La fin du récit, triste et solennelle, évoque la traîtrise des troupes coloniales françaises et la capture de Samory, puis son exil et sa fin au côté de son fidèle compagnon Mory Tidiane Diabaté.
Avec Regard sur le passé, il s’agit bien de donner une nouvelle version, africaine celle-là, de l’histoire du continent, à travers le récit édifiant de la vie d’un de ses grands souverains. L’enjeu, après plus d’un siècle de colonisation, c’est de redonner fierté aux Guinéens, de leur permettre de se forger une histoire et un patrimoine.
Mais il ne faut pas perdre de vue non plus que les louanges de Samory servent en même temps à conforter Sékou Touré dans son pouvoir. D’abord, parce qu’il revendiquait Samory comme son aïeul. Ensuite, parce que comme Samory, Sékou Touré avait été l’homme qui avait dit Non à de Gaulle et à son référendum, non à la France qui proposait une « indépendance » à responsabilité limitée, en gardant le contrôle sur les secteurs stratégiques de l’Etat. Avec Sékou Touré, c’est la Guinée toute entière qui avait voté non. Et elle l’avait payée cher, puisque le Général de Gaulle (qui avait fait campagne pour le Oui), vexé, fit rapatrier hommes, machines et capitaux :
« Le 29 septembre 1958, la Révolution triompha, nous vengeant définitivement de cet autre 29 septembre 1898, date de l’arrestation de l’empereur du Wassoulou, l’almamy Samory Touré. »
Regard sur le passé était donc une manière de raffermir la légitimité de Sekou Touré, continuateur de l’œuvre de Samory. Mais le guide la la Révolution, panafricaniste convaincu, n’en devint pas moins, à l’intérieur du pays, un tyran. Et la culture, de moyen d’émancipation, devint le lieu privilégié de sa propagande, et de celle de son parti, le PDG (Parti Démocratique de Guinée). Quelques mois plus tard d’ailleurs, en 1971, le Bembeya enfonçait le clou avec le long titre « Chemin du P.D.G. »

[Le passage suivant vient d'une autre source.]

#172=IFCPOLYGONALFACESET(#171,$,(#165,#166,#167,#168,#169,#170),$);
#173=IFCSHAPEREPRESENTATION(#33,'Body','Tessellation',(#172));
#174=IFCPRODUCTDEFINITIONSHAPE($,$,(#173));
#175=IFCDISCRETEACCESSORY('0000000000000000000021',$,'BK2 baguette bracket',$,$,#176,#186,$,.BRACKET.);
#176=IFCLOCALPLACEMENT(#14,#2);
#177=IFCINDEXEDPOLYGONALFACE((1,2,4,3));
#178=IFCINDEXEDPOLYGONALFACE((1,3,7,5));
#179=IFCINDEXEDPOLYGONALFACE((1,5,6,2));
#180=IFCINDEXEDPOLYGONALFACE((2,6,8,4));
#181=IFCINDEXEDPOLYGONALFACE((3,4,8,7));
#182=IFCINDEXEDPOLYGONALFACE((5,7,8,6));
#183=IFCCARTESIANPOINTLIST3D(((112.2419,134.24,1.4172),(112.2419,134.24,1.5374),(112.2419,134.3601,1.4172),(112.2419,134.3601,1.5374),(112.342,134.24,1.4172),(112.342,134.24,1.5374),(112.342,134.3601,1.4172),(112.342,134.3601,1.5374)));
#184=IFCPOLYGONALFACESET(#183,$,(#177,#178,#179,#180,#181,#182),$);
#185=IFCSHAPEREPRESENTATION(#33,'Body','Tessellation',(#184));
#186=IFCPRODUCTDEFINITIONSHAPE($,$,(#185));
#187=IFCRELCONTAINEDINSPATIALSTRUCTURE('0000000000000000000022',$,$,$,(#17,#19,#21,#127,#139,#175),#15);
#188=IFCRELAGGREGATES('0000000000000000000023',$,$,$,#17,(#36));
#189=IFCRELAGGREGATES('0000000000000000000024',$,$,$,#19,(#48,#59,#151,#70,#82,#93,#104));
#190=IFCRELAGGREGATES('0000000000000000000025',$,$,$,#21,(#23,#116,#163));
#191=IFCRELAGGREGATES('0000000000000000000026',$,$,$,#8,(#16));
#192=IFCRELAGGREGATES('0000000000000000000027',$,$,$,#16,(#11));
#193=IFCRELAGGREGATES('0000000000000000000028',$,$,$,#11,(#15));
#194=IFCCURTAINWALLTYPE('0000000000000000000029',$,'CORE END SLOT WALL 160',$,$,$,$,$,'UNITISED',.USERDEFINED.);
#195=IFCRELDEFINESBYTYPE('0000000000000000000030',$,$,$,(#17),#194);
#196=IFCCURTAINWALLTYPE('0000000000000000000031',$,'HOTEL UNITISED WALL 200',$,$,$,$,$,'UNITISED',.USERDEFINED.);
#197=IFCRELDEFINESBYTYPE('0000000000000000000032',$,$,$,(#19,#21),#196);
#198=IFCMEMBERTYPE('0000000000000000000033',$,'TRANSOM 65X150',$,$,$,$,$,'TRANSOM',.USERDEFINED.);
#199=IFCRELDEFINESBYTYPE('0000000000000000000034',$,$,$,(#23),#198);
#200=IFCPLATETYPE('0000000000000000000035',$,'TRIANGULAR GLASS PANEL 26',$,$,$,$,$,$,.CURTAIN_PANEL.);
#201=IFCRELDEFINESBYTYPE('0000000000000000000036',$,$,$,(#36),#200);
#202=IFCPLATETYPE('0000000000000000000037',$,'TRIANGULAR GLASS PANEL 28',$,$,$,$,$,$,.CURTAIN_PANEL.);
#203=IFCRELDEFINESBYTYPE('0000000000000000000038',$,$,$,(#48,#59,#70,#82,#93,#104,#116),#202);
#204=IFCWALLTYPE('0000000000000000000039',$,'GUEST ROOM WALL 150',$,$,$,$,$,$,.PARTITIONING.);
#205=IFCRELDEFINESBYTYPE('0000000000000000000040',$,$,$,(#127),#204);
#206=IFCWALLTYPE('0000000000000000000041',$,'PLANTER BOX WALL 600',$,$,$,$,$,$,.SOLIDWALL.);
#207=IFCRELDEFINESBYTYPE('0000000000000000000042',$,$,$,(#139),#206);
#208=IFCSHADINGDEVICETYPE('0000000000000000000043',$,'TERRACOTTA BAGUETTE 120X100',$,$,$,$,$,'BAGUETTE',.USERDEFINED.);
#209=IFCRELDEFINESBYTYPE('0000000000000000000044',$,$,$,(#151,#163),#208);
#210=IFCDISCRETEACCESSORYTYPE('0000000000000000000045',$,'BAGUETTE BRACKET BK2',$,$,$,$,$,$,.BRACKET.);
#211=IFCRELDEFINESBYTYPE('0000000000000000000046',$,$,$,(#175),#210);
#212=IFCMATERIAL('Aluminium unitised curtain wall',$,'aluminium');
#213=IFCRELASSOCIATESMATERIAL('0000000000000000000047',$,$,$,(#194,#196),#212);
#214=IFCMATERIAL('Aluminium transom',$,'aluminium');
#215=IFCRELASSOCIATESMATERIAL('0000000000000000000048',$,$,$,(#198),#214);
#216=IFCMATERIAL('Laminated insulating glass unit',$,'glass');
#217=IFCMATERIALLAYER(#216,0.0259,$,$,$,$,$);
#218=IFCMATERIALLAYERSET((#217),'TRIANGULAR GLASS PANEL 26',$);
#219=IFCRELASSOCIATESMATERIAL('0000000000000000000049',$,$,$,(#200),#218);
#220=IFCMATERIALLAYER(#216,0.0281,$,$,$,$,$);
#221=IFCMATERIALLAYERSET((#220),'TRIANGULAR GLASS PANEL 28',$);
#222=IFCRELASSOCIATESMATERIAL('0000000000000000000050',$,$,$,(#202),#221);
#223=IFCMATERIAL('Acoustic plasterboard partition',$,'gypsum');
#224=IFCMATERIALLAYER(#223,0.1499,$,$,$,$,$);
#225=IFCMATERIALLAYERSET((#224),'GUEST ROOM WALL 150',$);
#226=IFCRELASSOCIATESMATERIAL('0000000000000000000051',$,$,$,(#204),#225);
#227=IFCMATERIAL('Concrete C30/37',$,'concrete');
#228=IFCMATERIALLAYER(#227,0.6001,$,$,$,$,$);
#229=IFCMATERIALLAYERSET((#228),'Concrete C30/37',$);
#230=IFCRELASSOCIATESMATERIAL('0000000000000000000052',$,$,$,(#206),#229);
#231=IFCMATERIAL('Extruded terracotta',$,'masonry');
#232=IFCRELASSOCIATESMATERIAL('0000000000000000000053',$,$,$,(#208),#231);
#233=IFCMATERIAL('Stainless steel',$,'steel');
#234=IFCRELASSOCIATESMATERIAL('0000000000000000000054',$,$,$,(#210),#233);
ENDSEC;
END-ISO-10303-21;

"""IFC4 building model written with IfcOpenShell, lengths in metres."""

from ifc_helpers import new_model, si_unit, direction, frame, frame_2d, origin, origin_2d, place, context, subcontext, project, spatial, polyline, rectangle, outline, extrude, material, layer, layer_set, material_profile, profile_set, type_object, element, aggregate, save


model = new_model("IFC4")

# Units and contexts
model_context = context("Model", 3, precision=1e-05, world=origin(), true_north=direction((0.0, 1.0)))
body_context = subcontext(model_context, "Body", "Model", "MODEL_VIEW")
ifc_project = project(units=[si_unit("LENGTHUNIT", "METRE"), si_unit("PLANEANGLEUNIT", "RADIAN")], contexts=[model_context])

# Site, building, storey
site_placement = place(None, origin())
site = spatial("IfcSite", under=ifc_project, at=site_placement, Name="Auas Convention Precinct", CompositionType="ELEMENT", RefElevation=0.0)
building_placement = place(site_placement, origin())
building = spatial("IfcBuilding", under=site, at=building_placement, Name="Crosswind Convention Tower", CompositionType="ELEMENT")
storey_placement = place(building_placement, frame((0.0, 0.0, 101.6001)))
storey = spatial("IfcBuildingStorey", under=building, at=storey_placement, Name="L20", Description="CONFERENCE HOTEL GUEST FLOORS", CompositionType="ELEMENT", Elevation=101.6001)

Omnubilé par les complots, Sékou Touré enverra nombre de ses opposants, réels ou supposés, mourir dans les geôles du camp Boiro. Emile Condé, l’un des tous premiers promoteurs du Bembeya Jazz (qui s’appelait alors l’Orchestre de Beyla) y fut emmené en 1971, avant d’être, comme tant d’autres, exécuté. Tout comme Fodeba Keita, fondateurs des Ballets africains et premier Ministre de la culture de la Guinée indépendante. La Révolution avait accouché de musiques magnifiques, mais peu à peu, elle se mit aussi à dévorer ses enfants. Personne n’a encore chanté leur requiem.